How to convert JSON to YAML using YamlDotNet

venerik picture venerik · Mar 17, 2016 · Viewed 7.1k times · Source

I am trying to convert JSON to YAML using YamlDotNet. This is the code I have:

class Program
{
    static void Main(string[] args)
    {
        var json = "{\"swagger\":\"2.0\",\"info\":{\"title\":\"UberAPI\",\"description\":\"MoveyourappforwardwiththeUberAPI\",\"version\":\"1.0.0\"},\"host\":\"api.uber.com\",\"schemes\":[\"https\"],\"basePath\":\"/v1\",\"produces\":[\"application/json\"]}";
        var swaggerDocument = JsonConvert.DeserializeObject(json);

        var serializer = new YamlDotNet.Serialization.Serializer();

        using (var writer = new StringWriter())
        {
            serializer.Serialize(writer, swaggerDocument);
            var yaml = writer.ToString();
            Console.WriteLine(yaml);
        }
    }
}

This is the JSON I provide:

{
   "swagger":"2.0",
   "info":{
      "title":"UberAPI",
      "description":"MoveyourappforwardwiththeUberAPI",
      "version":"1.0.0"
   },
   "host":"api.uber.com",
   "schemes":[
      "https"
   ],
   "basePath":"/v1",
   "produces":[
      "application/json"
   ]
}

This is the YAML I expect:

swagger: '2.0'
info:
  title: UberAPI
  description: MoveyourappforwardwiththeUberAPI
  version: 1.0.0
host: api.uber.com
schemes:
  - https
basePath: /v1
produces:
  - application/json

However, this is the output I get:

swagger: []
info:
  title: []
  description: []
  version: []
host: []
schemes:
- []
basePath: []
produces:
- []

I don't have a clue why all properties are empty arrays.

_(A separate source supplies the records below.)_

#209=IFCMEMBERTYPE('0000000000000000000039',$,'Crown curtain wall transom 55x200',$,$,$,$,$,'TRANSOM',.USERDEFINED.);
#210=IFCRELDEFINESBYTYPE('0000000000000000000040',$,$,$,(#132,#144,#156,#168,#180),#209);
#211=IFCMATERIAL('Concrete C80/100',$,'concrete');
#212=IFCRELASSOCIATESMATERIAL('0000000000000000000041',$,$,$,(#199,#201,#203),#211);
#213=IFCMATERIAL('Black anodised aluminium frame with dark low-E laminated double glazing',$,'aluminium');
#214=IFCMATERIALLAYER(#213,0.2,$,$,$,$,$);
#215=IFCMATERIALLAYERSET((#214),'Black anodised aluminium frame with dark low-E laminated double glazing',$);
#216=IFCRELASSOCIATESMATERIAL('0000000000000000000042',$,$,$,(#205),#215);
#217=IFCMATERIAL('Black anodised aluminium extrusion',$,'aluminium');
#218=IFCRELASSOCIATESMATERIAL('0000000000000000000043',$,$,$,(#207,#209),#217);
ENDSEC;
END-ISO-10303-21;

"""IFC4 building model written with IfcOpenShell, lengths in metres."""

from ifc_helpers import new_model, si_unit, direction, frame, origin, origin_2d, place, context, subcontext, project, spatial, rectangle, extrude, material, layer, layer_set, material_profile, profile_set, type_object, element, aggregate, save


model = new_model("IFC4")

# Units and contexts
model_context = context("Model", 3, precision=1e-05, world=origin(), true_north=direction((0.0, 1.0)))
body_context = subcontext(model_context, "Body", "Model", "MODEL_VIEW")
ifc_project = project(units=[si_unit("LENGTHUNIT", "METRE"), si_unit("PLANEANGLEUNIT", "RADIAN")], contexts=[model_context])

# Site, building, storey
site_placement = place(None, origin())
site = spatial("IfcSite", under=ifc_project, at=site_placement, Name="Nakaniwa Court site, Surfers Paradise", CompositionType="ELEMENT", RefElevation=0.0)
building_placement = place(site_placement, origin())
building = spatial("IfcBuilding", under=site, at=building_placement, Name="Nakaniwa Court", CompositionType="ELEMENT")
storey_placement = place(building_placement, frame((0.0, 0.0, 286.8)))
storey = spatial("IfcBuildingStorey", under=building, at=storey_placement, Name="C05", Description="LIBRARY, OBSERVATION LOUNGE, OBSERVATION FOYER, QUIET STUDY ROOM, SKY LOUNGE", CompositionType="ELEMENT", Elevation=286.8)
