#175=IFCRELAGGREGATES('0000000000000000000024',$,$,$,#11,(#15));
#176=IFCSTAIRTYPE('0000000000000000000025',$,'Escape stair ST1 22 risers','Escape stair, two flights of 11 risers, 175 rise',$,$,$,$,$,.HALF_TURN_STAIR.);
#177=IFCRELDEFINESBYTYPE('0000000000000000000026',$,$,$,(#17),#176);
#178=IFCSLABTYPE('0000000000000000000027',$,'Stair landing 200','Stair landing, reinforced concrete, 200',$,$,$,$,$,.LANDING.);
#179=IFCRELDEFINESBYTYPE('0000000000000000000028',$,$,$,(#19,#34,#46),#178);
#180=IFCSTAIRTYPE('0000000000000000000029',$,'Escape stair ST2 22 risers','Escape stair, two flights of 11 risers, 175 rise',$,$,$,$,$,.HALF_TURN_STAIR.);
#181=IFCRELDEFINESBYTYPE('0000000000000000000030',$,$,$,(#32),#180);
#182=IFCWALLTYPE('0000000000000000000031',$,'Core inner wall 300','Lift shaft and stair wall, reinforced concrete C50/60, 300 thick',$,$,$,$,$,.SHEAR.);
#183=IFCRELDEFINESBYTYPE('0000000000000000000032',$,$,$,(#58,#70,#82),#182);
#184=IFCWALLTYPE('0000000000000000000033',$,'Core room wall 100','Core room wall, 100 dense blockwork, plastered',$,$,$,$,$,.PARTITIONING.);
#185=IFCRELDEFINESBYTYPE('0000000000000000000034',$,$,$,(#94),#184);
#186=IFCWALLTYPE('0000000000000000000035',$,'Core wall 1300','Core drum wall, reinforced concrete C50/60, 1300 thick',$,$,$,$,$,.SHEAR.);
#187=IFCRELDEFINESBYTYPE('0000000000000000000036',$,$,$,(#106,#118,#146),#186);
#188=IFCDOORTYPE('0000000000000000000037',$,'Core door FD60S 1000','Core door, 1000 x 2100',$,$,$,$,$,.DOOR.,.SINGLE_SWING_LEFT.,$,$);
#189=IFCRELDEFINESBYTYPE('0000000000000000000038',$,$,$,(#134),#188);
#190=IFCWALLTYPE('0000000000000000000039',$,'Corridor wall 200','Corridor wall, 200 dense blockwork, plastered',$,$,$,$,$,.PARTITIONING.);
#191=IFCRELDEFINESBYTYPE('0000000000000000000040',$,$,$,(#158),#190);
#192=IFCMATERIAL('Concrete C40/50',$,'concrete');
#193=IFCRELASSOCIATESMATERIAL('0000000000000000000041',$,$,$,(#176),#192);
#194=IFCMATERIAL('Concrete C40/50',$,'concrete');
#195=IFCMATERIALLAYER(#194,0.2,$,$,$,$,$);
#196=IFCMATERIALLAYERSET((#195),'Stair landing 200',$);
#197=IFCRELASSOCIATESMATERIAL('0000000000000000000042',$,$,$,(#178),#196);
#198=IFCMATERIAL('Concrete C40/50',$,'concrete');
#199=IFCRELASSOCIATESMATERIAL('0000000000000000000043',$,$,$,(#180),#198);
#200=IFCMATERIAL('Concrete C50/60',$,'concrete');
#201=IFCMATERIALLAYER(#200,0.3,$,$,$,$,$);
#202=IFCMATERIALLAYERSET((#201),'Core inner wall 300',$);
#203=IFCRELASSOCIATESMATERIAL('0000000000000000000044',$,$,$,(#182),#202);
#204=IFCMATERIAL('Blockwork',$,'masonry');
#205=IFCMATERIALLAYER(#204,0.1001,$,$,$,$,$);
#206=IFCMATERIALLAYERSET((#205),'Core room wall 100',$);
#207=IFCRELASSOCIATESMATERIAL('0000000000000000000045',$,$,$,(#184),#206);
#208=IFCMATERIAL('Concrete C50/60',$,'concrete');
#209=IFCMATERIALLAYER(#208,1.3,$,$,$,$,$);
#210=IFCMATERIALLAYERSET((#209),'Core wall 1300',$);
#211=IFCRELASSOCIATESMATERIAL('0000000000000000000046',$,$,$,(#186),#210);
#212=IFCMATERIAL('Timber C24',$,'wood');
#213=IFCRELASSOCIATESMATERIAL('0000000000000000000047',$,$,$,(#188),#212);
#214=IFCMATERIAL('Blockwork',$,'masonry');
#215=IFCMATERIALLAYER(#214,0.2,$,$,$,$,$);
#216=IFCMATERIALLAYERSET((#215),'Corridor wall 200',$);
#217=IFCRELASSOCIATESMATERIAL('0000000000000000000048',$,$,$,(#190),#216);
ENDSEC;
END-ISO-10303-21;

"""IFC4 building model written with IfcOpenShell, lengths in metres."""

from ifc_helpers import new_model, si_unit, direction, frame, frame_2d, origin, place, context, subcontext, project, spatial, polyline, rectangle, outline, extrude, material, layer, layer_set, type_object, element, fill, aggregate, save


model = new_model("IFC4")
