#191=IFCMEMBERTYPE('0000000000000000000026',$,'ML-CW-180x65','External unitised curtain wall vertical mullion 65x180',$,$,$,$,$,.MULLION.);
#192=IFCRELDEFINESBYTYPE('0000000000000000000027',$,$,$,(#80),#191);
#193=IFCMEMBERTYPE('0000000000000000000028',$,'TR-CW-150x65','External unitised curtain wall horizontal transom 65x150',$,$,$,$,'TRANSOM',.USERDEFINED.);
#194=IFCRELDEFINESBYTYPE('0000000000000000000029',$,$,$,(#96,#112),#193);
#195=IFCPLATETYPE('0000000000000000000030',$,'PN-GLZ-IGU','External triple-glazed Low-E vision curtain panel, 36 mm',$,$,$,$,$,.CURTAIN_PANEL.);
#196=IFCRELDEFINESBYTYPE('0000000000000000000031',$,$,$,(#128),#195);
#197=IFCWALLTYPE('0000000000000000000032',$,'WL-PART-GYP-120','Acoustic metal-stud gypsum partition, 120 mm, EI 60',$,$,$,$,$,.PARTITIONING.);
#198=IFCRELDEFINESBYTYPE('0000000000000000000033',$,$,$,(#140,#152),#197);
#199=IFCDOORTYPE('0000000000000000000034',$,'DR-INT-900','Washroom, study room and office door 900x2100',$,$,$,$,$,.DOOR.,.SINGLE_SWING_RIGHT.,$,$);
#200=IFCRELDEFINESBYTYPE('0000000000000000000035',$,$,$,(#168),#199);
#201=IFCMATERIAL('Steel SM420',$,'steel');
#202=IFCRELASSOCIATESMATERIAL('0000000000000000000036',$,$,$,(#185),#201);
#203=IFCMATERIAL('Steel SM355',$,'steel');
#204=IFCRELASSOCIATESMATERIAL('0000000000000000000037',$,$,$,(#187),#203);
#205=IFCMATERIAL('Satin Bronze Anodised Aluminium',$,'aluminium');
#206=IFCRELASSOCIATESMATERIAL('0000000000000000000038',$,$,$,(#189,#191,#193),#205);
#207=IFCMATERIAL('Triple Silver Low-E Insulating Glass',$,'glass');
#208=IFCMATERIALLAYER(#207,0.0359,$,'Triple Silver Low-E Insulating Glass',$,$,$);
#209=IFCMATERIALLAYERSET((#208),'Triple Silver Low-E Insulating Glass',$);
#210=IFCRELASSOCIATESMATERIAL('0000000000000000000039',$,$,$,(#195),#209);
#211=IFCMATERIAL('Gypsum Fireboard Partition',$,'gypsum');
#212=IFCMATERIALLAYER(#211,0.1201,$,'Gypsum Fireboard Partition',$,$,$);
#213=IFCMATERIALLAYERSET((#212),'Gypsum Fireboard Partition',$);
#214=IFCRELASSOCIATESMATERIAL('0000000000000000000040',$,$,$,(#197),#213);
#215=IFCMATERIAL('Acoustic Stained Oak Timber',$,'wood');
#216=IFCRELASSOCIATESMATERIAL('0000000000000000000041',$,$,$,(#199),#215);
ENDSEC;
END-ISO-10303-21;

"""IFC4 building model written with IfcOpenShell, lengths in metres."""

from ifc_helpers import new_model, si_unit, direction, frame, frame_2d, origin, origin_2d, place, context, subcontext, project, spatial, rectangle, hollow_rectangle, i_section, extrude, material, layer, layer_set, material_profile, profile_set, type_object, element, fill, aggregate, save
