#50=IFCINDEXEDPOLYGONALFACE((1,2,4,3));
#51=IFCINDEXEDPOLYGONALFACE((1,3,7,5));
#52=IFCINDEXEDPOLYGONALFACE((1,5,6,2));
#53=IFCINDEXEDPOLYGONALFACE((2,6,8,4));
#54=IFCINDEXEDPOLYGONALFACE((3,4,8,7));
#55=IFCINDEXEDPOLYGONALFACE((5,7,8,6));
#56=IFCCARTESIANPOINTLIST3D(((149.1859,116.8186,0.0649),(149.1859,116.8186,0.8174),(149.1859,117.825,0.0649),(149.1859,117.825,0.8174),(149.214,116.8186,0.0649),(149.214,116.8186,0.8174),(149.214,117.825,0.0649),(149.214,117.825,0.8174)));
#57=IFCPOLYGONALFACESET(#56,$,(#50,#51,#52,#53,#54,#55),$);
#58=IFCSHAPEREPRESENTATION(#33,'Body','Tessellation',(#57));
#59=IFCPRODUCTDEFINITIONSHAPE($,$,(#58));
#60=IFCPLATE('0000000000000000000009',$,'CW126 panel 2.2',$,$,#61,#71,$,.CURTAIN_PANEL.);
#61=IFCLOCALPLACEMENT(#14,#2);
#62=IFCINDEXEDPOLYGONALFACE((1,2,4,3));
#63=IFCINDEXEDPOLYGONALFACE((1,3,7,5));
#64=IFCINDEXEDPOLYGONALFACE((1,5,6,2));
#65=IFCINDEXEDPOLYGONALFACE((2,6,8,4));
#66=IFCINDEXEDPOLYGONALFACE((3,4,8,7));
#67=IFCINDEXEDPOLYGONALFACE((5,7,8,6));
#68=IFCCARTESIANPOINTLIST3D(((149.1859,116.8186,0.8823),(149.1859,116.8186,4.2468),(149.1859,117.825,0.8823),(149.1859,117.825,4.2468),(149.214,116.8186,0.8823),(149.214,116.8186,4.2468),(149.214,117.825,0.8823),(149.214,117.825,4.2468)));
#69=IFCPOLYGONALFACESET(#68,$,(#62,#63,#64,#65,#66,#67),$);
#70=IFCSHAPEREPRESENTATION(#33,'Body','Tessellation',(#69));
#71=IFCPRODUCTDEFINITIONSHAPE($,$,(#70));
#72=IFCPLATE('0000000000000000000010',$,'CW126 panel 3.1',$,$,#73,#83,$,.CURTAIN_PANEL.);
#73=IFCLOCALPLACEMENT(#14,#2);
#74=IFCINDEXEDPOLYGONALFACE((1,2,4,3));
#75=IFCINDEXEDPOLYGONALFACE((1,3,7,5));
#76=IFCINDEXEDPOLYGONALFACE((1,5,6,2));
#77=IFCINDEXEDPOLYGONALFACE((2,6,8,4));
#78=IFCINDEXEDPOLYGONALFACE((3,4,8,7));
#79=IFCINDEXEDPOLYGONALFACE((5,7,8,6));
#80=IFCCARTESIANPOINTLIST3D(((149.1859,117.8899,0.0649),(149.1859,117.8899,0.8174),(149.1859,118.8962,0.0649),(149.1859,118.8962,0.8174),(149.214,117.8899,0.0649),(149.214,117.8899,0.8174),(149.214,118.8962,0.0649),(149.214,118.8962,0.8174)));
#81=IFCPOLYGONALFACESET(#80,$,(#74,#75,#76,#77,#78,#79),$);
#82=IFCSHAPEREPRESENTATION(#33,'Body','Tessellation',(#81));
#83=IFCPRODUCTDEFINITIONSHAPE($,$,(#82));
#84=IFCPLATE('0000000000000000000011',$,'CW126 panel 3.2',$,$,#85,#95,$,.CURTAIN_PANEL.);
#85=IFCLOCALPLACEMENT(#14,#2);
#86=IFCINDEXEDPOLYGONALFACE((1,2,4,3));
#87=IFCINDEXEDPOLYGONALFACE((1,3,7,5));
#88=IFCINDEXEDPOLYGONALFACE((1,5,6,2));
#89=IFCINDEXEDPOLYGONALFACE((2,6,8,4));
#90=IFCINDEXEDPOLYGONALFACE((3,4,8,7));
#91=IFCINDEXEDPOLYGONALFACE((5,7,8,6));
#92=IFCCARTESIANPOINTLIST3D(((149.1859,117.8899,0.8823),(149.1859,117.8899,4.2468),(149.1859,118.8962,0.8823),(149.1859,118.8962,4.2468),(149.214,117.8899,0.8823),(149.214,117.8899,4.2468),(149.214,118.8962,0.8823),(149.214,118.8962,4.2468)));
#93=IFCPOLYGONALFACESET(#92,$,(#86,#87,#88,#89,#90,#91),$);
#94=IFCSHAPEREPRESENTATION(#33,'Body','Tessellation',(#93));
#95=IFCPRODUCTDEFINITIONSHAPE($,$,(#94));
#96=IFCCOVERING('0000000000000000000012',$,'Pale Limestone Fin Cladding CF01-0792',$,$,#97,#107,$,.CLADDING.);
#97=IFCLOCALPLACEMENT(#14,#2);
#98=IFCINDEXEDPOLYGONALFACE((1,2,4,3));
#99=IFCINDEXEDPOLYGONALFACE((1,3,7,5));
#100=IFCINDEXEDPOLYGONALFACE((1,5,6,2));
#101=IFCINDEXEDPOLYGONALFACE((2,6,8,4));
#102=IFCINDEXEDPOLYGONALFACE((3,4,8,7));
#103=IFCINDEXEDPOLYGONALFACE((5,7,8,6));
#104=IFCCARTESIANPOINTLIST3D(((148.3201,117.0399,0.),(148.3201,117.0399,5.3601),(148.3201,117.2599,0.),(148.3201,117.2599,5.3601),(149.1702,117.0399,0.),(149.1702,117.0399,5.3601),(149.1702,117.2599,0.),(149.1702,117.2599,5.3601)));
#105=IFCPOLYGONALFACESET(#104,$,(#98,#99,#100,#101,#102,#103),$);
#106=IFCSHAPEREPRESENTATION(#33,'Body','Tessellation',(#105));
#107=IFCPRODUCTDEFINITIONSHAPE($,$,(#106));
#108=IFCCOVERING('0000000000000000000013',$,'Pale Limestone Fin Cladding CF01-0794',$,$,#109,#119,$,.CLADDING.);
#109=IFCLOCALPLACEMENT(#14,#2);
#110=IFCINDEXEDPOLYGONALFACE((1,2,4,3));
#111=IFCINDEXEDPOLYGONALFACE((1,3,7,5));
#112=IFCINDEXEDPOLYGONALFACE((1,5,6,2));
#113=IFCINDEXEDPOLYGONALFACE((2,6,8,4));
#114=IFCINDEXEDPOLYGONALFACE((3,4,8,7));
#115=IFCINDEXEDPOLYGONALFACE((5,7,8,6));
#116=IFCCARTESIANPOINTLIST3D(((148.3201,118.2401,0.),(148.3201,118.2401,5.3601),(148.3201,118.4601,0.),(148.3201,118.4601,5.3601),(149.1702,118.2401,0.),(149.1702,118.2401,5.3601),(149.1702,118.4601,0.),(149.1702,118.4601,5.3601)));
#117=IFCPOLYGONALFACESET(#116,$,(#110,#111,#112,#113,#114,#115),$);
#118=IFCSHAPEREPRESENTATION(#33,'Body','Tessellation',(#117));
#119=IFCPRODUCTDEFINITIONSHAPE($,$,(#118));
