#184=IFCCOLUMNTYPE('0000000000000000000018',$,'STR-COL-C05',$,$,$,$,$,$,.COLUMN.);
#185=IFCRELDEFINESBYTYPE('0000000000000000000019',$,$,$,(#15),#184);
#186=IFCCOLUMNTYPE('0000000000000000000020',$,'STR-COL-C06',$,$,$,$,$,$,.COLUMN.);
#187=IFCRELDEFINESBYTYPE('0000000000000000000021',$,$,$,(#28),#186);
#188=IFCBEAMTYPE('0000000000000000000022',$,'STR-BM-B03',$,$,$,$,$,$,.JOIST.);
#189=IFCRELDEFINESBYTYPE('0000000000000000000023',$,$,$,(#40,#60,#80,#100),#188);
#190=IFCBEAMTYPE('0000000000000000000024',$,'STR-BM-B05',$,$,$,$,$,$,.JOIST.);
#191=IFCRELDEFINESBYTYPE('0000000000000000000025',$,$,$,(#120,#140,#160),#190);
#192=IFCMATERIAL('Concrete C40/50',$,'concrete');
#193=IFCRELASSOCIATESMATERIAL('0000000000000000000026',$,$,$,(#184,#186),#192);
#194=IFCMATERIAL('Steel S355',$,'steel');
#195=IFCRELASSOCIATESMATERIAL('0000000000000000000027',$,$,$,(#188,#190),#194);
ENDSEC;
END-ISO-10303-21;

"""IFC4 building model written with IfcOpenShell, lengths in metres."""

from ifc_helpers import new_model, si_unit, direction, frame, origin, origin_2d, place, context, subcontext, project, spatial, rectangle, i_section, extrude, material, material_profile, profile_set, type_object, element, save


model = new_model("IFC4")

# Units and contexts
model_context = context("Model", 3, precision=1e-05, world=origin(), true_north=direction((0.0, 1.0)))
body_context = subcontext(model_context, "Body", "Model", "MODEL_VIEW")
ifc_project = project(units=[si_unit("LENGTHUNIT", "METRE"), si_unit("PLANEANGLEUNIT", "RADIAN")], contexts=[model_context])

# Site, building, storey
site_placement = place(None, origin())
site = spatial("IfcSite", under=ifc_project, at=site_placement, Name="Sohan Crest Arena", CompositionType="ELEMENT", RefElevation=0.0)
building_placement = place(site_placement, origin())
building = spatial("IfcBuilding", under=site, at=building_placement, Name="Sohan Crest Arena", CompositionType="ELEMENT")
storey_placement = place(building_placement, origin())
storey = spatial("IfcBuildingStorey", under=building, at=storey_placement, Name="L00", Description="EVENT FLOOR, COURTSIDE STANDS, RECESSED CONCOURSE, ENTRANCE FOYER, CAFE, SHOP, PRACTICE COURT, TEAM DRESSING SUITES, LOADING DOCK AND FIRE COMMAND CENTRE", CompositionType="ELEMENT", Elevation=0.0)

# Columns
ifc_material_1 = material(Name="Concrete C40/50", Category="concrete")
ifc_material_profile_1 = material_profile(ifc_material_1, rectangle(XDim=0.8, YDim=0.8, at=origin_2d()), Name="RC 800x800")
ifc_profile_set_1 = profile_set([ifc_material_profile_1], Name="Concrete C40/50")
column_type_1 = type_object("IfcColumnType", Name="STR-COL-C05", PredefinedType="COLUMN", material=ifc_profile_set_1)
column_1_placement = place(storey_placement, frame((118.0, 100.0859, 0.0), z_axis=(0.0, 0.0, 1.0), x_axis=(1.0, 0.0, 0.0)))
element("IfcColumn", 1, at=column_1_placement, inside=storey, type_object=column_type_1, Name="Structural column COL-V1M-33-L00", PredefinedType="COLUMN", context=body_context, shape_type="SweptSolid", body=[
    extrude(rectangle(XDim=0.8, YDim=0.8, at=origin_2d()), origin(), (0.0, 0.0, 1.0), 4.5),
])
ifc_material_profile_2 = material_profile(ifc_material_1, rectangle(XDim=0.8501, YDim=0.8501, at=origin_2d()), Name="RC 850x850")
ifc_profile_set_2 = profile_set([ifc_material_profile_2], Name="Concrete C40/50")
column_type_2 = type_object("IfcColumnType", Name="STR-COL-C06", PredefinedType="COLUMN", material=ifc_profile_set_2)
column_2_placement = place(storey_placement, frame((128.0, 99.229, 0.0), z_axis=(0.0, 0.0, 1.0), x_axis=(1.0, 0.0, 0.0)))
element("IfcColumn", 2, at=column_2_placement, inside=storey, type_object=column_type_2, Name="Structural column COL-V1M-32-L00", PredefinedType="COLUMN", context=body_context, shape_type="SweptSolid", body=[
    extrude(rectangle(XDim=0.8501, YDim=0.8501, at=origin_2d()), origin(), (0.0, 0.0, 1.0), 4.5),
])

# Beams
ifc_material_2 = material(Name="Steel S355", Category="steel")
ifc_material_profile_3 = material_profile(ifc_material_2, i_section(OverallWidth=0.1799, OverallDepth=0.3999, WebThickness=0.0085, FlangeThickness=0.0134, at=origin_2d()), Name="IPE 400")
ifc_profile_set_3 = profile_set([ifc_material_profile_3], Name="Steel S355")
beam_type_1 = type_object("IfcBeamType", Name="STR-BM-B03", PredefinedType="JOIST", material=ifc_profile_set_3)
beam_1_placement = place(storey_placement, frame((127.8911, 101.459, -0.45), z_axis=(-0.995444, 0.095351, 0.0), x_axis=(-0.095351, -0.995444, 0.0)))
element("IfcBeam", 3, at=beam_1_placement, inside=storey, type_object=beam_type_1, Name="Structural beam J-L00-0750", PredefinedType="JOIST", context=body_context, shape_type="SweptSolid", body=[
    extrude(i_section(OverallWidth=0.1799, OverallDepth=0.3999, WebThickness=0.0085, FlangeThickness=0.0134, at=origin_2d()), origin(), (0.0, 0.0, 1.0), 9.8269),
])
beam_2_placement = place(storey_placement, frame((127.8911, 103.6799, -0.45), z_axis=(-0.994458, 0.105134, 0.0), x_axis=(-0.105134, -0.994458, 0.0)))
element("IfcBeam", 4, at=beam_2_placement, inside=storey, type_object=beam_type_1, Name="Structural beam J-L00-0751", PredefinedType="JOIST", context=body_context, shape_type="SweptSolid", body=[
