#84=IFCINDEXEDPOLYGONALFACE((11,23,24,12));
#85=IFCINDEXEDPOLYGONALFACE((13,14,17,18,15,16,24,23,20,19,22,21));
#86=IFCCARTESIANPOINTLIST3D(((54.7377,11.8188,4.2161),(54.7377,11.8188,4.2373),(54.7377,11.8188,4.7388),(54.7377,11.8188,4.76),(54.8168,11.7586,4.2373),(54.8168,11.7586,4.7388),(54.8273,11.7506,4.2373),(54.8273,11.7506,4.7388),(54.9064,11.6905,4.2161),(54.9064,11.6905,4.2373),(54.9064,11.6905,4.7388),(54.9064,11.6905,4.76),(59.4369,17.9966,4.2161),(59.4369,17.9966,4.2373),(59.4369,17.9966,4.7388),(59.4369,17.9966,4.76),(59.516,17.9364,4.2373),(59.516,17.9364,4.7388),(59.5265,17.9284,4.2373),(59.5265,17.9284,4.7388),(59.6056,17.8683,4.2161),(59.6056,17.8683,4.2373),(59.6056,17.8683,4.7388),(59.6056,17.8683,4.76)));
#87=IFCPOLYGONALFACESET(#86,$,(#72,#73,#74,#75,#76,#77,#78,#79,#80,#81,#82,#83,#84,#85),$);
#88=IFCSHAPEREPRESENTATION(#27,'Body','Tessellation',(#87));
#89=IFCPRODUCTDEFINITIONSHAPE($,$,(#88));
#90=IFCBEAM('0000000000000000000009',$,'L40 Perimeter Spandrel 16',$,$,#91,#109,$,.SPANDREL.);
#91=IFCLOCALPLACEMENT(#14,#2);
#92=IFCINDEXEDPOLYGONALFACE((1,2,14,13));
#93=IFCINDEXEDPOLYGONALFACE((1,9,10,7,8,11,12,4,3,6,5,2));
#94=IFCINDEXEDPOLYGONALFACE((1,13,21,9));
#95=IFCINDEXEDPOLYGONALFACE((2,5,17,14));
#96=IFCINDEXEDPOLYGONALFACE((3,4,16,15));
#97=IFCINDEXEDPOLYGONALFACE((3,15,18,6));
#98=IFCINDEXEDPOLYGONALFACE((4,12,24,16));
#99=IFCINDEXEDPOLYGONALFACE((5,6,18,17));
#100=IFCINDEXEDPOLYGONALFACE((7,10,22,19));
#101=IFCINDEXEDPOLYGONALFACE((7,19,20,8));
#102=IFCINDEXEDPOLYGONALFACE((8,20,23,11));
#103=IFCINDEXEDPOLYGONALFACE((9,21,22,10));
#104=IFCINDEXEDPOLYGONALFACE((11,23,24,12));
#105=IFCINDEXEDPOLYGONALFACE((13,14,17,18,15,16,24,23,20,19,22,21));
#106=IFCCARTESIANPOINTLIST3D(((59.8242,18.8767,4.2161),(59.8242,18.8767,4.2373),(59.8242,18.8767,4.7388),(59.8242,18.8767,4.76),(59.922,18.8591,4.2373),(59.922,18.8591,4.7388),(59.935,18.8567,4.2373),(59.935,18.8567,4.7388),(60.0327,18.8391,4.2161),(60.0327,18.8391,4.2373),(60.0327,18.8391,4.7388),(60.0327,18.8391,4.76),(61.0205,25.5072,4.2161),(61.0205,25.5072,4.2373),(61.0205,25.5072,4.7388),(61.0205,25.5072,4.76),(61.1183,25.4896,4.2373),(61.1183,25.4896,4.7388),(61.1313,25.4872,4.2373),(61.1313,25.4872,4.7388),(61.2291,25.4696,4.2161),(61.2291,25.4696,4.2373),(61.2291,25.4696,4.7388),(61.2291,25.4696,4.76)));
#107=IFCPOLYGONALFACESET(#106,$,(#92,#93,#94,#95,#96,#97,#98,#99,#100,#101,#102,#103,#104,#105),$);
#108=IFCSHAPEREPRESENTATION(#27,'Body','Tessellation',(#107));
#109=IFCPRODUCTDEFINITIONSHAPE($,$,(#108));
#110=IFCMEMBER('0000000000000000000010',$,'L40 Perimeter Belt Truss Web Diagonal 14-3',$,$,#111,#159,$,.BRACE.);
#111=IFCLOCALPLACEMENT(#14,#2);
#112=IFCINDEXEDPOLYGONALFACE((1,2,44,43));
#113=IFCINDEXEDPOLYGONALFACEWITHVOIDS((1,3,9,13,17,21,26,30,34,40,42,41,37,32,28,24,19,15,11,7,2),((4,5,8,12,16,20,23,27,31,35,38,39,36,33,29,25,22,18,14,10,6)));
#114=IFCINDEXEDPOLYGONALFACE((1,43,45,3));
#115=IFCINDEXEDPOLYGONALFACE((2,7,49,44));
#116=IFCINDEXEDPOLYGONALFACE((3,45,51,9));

I also tried typed deserialization and serialization like this:

var specification = JsonConvert.DeserializeObject<SwaggerDocument>(json);
...
serializer.Serialize(writer, swaggerDocument, typeof(SwaggerDocument));

But that produces

{}

Any help is much appreciated.

Answer

Yatharth Varshney picture Yatharth Varshney · Feb 13, 2017

You don't actually need to deserialize JSON into strongly typed object you can convert JSON to YAML using dynamic Expando object as well. Here is a small example:-

var json = @"{
        'Name':'Peter',
        'Age':22,
        'CourseDet':{
                'CourseName':'CS',
                'CourseDescription':'Computer Science',
                },
        'Subjects':['Computer Languages','Operating Systems']
        }";

        var expConverter = new ExpandoObjectConverter();
        dynamic deserializedObject = JsonConvert.DeserializeObject<ExpandoObject>(json, expConverter);

        var serializer = new YamlDotNet.Serialization.Serializer();
        string yaml = serializer.Serialize(deserializedObject);

You can see a detailed explanation of both methods i.e. using strongly typed object and dynamic object here.